Mean absolute difference in thermal expansion of all methods from the measured value.

Method ID	Method	1-m mean difference (mm)	2-m mean difference (mm)
1a	Ambient	0.082	0.099
1b	Mean (maximum − minimum)	0.107	0.244
1c	Maximum	0.202	0.520
2a	Mean (all)	0.085	0.125
2b	Median (all)	0.083	0.078
3	Hybrid	0.066	0.061

The hybrid method can be said to have produced marginally better results than the uniform scaling methods. As the FEA carried out was highly simplified, these results although modest are promising. A number of factors can be improved from this initial study within the simulation to make a far more significant impact to the results. Fine meshing can be used alongside more complex geometry. A transient analysis can be used rather than steady state. The contacts between the beams can also be refined as these are modelled as being more stiff connections than is present in reality. Similarly, the stiffness of the beams themselves can be characterised. Once the finite element model is fully calibrated in this way, the results will become a function of the time spent in setting up the FEA. This is acceptable due to the modular nature of the hybrid metrology approach, where experts in CAD, FEA, and metrology can contribute separately in the initial setup. Ultimately, the major significant finding was the importance of temperature measurement as a far more pronounced difference can be seen from using a full complement of temperature measurement as opposed to one or two sensors.

Conclusion

This article has outlined and shown the application of a straightforward methodology for two things, the first being temperature measurement for dimensional metrology, which is currently often only carried out on the ambient temperature at the instrument. Finite element simulation of displacement allows for compensation of coordinates that would not be possible using current linear scaling methods, due to the presence of highly localised heating.

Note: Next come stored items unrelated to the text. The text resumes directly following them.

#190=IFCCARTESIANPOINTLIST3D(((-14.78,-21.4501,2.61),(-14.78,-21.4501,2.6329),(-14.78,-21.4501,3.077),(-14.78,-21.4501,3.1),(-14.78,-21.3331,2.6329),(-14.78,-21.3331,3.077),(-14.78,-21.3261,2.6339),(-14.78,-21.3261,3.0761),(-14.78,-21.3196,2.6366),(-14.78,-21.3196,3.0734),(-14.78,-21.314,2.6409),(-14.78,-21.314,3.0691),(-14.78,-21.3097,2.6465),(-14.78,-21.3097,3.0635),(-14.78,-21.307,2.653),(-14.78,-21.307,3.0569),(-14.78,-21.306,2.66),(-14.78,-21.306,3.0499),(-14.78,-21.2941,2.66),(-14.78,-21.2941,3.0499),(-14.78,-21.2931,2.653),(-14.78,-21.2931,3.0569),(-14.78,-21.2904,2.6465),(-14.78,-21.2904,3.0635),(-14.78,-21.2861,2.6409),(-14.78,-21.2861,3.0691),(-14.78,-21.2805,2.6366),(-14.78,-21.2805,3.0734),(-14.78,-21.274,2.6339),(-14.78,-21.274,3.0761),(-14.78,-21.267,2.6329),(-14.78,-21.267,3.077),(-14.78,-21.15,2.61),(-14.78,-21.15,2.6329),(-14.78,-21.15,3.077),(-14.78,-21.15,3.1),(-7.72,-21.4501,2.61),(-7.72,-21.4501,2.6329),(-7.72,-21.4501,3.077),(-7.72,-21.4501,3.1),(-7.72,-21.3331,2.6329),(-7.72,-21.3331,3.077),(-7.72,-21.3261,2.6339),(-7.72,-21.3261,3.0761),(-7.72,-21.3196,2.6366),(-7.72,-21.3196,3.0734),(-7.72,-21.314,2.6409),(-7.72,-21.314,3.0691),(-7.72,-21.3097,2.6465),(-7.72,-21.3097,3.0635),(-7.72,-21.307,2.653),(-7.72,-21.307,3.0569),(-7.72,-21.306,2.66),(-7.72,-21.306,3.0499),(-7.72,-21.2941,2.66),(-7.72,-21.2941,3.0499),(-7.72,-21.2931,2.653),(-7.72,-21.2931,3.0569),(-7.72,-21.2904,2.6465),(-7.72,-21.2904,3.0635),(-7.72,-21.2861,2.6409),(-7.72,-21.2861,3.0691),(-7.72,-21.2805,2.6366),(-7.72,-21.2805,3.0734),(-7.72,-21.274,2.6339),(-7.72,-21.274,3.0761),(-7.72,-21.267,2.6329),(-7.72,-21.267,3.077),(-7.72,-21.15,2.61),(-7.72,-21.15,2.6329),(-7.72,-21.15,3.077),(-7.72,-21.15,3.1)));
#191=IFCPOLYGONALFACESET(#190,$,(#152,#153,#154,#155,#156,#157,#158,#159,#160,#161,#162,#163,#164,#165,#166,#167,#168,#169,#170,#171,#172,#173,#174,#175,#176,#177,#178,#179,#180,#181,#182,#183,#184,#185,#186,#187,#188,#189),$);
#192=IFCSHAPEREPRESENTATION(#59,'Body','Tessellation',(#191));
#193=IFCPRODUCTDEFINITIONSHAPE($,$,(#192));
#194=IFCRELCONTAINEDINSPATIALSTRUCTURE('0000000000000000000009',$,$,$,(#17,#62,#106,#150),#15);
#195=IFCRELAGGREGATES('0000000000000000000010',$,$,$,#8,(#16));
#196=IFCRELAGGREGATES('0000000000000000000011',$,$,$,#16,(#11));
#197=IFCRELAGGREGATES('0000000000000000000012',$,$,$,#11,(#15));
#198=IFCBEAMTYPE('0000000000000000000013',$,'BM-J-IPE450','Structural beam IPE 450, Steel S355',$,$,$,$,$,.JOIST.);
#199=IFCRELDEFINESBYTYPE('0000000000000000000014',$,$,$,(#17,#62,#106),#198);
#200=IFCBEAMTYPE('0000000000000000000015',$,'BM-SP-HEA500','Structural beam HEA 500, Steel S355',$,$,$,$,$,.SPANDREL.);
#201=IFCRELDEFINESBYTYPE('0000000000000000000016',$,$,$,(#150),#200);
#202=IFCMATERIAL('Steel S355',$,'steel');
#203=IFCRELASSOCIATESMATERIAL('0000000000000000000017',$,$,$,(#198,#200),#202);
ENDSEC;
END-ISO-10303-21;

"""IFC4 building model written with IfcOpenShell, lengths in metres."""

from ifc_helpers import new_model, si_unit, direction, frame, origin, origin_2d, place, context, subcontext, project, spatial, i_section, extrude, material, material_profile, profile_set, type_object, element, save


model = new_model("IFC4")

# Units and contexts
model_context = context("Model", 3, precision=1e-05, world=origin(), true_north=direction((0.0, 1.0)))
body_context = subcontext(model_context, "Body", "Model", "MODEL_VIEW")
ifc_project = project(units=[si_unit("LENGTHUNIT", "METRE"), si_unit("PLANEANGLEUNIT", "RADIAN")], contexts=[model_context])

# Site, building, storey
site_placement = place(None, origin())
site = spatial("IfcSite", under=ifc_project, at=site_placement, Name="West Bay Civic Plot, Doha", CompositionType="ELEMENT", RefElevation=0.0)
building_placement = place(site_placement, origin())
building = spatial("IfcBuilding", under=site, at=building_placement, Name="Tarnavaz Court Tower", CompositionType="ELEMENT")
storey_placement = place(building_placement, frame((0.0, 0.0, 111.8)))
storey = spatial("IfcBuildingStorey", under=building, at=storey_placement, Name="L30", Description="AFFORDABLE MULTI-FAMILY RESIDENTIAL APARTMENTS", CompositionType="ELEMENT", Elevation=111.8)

Two challenging measurement scenarios have experimentally showed that even a highly simplified FEA was able to modestly outperform the traditional scaling methods with both minimal and full temperature measurement.

Thermal compensation is only as effective as the measurement of temperature. Sparsely measured temperature is limited in value and important thermal effects can easily be missed. Temperature measurement is the major contributor to improvement in thermal compensation and can be further improved through the use of simulation.

Future work

Temperature measurement planning needs to be studied further specifically for use in large manufacturing environments so that users can easily optimise their temperature measurement for thermal compensation.

Further experimental studies and consultations with practitioners are to be carried out with a focus on optimising the temperature measurement strategy. Computational studies for temperature measurement planning are under way at the time of writing.